L’individu présenté sous le nom d’Oroche salua gravement l’hacendero.

Il y avait cependant probablement longtemps que le tact si subtil dont parlait son interlocuteur n’avait eu l’occasion de s’exercer, ou les cartes avaient été bien défavorables au seigneur Oroche, car son extérieur n’était rien moins que confortable. Pour porter la main à son feutre, il n’eut pas besoin de déranger les plis du manteau dans lequel il était artistement drapé. Il lui suffit de choisir parmi les trous de ce manteau pour passer à l’aise sa main armée d’ongles durs et pointus, et dont la prodigieuse longueur indiquait un joueur de mandoline.

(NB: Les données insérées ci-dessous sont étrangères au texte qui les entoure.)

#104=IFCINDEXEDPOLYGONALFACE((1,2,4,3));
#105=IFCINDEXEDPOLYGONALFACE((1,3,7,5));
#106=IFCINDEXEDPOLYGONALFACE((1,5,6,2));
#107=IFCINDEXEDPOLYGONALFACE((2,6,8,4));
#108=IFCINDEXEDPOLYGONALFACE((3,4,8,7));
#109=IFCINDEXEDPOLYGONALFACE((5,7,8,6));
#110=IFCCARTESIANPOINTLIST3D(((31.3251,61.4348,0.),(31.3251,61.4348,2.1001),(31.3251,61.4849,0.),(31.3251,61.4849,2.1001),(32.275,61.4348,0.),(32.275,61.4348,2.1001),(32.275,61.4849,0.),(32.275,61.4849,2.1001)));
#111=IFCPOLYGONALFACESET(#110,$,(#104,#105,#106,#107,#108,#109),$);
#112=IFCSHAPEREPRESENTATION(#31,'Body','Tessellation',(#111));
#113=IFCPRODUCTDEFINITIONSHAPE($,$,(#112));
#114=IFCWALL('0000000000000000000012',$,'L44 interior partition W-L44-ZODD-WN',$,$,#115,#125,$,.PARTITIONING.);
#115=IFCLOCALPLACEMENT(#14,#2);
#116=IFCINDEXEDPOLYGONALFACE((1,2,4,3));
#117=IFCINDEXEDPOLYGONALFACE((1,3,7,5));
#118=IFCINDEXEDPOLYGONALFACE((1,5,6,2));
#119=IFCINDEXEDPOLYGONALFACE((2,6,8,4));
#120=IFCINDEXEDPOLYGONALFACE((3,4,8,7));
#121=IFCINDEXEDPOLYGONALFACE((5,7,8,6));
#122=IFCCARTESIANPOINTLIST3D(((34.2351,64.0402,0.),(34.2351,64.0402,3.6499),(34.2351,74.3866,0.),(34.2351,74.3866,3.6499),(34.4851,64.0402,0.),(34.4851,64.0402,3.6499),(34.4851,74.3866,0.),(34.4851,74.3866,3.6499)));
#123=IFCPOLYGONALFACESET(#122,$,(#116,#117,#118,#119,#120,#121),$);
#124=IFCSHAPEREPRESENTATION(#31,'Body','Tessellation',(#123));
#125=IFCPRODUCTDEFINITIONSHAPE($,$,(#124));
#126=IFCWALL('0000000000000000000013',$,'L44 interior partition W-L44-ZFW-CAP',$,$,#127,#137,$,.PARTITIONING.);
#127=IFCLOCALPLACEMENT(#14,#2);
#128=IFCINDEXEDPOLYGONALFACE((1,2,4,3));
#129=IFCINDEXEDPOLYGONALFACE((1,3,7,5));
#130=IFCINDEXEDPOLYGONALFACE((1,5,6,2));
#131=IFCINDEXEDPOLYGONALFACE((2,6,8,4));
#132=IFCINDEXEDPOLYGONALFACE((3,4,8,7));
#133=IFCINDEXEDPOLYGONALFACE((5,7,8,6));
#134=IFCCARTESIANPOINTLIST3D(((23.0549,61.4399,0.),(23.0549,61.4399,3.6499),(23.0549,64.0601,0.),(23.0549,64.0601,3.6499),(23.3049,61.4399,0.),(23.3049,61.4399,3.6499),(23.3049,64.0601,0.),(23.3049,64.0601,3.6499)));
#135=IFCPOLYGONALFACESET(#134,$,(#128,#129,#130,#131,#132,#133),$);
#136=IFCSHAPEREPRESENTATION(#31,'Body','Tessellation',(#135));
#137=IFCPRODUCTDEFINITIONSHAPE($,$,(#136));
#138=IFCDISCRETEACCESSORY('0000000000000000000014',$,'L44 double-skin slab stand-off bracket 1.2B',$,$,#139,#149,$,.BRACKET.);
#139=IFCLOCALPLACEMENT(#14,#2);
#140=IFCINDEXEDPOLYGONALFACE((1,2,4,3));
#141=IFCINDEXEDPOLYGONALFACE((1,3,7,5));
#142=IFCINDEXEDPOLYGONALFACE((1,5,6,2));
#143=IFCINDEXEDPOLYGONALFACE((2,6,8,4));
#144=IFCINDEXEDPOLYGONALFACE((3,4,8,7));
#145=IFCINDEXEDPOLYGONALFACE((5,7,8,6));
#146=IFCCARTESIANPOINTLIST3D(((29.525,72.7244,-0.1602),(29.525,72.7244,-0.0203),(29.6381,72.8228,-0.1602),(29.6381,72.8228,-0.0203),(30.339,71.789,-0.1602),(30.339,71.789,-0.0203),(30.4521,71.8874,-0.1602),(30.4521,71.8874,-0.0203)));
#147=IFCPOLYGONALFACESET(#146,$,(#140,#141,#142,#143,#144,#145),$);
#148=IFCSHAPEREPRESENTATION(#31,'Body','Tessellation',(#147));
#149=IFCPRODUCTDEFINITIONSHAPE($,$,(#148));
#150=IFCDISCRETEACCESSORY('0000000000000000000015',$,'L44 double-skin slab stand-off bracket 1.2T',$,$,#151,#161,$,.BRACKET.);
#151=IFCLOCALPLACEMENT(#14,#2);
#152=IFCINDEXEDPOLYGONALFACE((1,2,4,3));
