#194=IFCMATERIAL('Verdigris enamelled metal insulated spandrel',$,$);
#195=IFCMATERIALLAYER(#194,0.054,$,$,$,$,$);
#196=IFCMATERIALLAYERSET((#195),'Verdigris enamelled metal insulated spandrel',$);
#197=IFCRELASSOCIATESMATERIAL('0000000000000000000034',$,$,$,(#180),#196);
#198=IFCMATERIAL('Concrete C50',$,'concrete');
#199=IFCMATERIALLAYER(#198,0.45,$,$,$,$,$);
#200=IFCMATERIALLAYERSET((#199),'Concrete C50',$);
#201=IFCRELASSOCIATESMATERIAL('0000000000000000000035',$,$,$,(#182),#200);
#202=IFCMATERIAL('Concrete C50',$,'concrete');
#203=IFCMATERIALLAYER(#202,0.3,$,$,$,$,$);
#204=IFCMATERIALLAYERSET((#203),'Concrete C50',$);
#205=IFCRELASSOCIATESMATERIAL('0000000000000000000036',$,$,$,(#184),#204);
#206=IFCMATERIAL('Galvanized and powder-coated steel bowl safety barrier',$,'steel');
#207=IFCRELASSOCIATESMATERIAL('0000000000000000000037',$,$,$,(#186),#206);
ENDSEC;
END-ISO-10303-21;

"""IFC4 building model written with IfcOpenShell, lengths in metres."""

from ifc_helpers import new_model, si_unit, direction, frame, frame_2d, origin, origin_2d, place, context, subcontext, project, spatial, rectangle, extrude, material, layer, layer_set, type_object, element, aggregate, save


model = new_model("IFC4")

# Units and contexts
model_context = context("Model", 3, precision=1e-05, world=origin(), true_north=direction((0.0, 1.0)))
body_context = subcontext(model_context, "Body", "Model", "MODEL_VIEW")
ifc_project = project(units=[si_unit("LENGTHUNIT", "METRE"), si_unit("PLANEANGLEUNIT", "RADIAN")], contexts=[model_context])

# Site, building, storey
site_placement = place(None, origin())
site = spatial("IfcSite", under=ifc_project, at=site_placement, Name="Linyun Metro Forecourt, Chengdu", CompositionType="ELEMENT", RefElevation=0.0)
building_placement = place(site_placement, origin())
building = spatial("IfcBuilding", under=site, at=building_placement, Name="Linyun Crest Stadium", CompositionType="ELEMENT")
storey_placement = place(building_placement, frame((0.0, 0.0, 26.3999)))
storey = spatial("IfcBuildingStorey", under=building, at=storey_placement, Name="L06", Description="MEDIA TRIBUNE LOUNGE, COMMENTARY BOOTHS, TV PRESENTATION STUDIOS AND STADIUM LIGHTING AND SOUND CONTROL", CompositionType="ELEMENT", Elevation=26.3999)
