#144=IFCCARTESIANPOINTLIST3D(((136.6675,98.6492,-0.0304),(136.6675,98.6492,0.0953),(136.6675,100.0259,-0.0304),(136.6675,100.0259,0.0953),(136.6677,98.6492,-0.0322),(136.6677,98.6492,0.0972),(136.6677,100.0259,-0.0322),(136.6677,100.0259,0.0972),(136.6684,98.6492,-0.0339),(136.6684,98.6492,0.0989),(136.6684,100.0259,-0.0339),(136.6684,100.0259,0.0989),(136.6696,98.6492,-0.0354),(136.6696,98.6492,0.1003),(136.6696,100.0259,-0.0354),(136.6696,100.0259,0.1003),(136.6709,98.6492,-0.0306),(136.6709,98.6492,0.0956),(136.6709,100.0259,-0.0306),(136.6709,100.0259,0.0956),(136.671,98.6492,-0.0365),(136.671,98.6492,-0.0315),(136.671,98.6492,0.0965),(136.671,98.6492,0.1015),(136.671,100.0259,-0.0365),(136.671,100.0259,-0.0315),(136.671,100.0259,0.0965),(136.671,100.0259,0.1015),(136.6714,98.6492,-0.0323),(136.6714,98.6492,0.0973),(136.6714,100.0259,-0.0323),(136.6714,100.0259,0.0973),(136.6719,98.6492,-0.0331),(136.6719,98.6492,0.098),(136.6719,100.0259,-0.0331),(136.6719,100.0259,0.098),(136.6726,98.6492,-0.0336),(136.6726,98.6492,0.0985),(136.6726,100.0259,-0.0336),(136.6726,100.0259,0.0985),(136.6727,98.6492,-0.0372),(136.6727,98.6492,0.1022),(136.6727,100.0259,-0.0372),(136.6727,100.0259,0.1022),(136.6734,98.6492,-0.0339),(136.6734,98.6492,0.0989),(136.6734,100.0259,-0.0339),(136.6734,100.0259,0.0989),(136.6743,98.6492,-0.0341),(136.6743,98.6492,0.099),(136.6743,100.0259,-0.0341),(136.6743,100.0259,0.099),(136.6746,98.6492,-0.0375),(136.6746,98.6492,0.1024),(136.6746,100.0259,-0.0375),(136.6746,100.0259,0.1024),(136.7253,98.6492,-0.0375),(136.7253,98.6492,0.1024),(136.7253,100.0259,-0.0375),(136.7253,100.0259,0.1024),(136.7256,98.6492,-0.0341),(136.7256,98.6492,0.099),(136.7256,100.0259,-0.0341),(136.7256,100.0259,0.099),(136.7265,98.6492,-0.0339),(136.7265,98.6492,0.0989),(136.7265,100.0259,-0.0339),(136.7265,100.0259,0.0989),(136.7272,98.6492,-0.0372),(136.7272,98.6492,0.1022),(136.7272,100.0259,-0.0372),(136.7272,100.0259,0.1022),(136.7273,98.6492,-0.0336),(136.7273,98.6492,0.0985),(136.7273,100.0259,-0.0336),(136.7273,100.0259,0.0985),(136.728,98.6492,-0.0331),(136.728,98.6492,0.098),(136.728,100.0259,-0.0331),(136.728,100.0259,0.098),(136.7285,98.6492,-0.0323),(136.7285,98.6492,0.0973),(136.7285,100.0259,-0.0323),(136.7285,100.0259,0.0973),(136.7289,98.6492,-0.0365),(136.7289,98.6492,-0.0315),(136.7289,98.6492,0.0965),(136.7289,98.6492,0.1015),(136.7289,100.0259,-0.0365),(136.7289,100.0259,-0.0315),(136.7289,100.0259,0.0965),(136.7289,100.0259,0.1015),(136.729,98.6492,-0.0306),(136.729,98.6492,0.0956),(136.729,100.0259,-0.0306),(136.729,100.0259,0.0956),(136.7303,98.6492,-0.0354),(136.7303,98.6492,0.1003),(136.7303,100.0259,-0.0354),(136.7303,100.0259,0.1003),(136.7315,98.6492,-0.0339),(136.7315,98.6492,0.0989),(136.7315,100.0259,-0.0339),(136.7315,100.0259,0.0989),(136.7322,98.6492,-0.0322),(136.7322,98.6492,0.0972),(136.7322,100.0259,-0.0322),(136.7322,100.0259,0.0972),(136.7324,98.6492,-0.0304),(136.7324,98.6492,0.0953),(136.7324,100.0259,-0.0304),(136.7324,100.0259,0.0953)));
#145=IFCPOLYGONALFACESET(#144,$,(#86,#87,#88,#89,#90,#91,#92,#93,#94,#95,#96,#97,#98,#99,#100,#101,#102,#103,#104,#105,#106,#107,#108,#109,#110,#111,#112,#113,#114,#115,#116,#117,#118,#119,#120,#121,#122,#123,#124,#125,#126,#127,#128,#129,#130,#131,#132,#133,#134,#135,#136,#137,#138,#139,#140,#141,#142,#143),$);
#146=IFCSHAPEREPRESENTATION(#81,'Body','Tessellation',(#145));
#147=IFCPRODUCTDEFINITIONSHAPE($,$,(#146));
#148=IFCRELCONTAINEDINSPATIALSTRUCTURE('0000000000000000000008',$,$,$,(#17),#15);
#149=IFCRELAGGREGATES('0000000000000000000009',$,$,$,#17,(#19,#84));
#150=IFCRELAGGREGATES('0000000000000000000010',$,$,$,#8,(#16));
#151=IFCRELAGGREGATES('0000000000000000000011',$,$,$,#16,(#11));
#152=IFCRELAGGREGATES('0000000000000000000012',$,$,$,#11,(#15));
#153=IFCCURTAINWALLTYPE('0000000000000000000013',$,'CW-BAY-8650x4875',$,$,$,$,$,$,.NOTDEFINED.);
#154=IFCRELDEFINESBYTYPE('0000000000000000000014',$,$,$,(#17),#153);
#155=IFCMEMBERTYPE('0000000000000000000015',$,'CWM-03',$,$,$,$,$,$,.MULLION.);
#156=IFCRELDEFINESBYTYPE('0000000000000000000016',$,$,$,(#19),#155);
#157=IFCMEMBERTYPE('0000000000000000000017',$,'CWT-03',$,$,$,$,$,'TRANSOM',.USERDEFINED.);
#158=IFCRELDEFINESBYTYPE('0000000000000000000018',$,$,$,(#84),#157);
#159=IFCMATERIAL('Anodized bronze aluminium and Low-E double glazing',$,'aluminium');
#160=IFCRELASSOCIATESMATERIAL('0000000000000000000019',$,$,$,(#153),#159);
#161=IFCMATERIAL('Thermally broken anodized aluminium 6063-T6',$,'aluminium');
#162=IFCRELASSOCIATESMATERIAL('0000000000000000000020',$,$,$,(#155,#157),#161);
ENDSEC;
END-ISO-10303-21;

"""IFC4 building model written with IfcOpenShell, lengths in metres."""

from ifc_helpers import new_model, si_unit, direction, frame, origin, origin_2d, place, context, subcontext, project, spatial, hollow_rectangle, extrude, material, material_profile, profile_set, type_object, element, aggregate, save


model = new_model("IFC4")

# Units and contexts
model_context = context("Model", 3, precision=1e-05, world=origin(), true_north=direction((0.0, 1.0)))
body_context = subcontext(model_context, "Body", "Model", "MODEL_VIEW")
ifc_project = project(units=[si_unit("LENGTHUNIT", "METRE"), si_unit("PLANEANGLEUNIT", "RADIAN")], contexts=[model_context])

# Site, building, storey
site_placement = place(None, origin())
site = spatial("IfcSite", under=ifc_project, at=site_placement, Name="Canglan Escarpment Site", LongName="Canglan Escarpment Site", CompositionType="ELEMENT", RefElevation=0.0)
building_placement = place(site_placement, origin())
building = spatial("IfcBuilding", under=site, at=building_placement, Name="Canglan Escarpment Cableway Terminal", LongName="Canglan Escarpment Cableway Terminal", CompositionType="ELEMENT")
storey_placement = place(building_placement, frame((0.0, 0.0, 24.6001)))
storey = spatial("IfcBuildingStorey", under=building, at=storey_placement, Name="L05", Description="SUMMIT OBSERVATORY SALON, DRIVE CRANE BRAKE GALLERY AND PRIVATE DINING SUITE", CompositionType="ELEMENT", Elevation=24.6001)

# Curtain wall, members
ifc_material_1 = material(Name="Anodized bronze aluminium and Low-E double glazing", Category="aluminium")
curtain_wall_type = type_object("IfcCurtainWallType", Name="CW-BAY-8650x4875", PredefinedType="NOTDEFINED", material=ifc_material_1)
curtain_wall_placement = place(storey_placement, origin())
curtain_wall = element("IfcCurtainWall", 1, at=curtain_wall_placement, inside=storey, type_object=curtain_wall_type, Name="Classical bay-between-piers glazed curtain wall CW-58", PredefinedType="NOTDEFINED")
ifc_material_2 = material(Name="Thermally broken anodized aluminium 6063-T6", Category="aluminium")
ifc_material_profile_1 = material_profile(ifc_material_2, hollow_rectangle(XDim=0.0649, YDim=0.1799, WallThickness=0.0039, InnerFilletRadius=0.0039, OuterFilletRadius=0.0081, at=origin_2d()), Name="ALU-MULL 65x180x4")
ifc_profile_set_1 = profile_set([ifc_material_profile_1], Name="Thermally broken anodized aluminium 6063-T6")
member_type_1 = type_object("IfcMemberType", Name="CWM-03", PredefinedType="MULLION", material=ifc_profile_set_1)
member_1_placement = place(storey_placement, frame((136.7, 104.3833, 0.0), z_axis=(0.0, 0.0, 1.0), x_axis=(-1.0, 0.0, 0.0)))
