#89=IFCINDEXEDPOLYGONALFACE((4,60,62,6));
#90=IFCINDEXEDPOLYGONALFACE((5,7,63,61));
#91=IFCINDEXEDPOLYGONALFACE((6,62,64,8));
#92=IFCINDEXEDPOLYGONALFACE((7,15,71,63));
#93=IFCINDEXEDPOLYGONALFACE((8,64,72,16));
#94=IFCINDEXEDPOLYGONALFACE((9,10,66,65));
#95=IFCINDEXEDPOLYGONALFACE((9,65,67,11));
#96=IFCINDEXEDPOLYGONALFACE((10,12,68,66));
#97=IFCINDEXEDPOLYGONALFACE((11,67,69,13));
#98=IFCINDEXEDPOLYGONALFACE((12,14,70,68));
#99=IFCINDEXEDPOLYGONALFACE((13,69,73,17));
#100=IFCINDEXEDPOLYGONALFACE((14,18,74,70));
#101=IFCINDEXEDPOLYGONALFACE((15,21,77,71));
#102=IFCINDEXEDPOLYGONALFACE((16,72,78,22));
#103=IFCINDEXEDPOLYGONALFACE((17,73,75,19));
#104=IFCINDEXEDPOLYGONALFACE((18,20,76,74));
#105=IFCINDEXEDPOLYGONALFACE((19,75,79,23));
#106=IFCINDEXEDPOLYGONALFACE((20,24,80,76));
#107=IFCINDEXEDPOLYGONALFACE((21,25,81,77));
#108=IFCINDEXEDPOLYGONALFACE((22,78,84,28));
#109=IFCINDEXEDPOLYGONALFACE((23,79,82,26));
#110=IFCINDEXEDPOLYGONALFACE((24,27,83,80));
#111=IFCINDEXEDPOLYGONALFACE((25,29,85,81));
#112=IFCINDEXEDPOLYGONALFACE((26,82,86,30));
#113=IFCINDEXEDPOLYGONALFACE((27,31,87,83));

Effectivement, il en portait une en sautoir.

Pendant qu’il s’inclinait courtoisement devant le riche propriétaire, de longues mèches d’une chevelure inculte tombèrent sur son visage, droites et roides comme les roseaux dont la mythologie couronne la tête des dieux qui président aux fleuves.

Quand ils furent assis dans le salon, Diaz prit la parole :

« Nous avons entendu dire qu’il était question à Arispe d’une expédition dans l’intérieur de l’Apacheria, et ce cavalier et moi nous nous sommes mis immédiatement en route pour y prendre part. Notre chemin nous a conduits à votre hacienda, seigneur don Augustin, et nous venons vous demander l’hospitalité jusqu’à demain. Au point du jour, nous nous remettrons en route pour Arispe.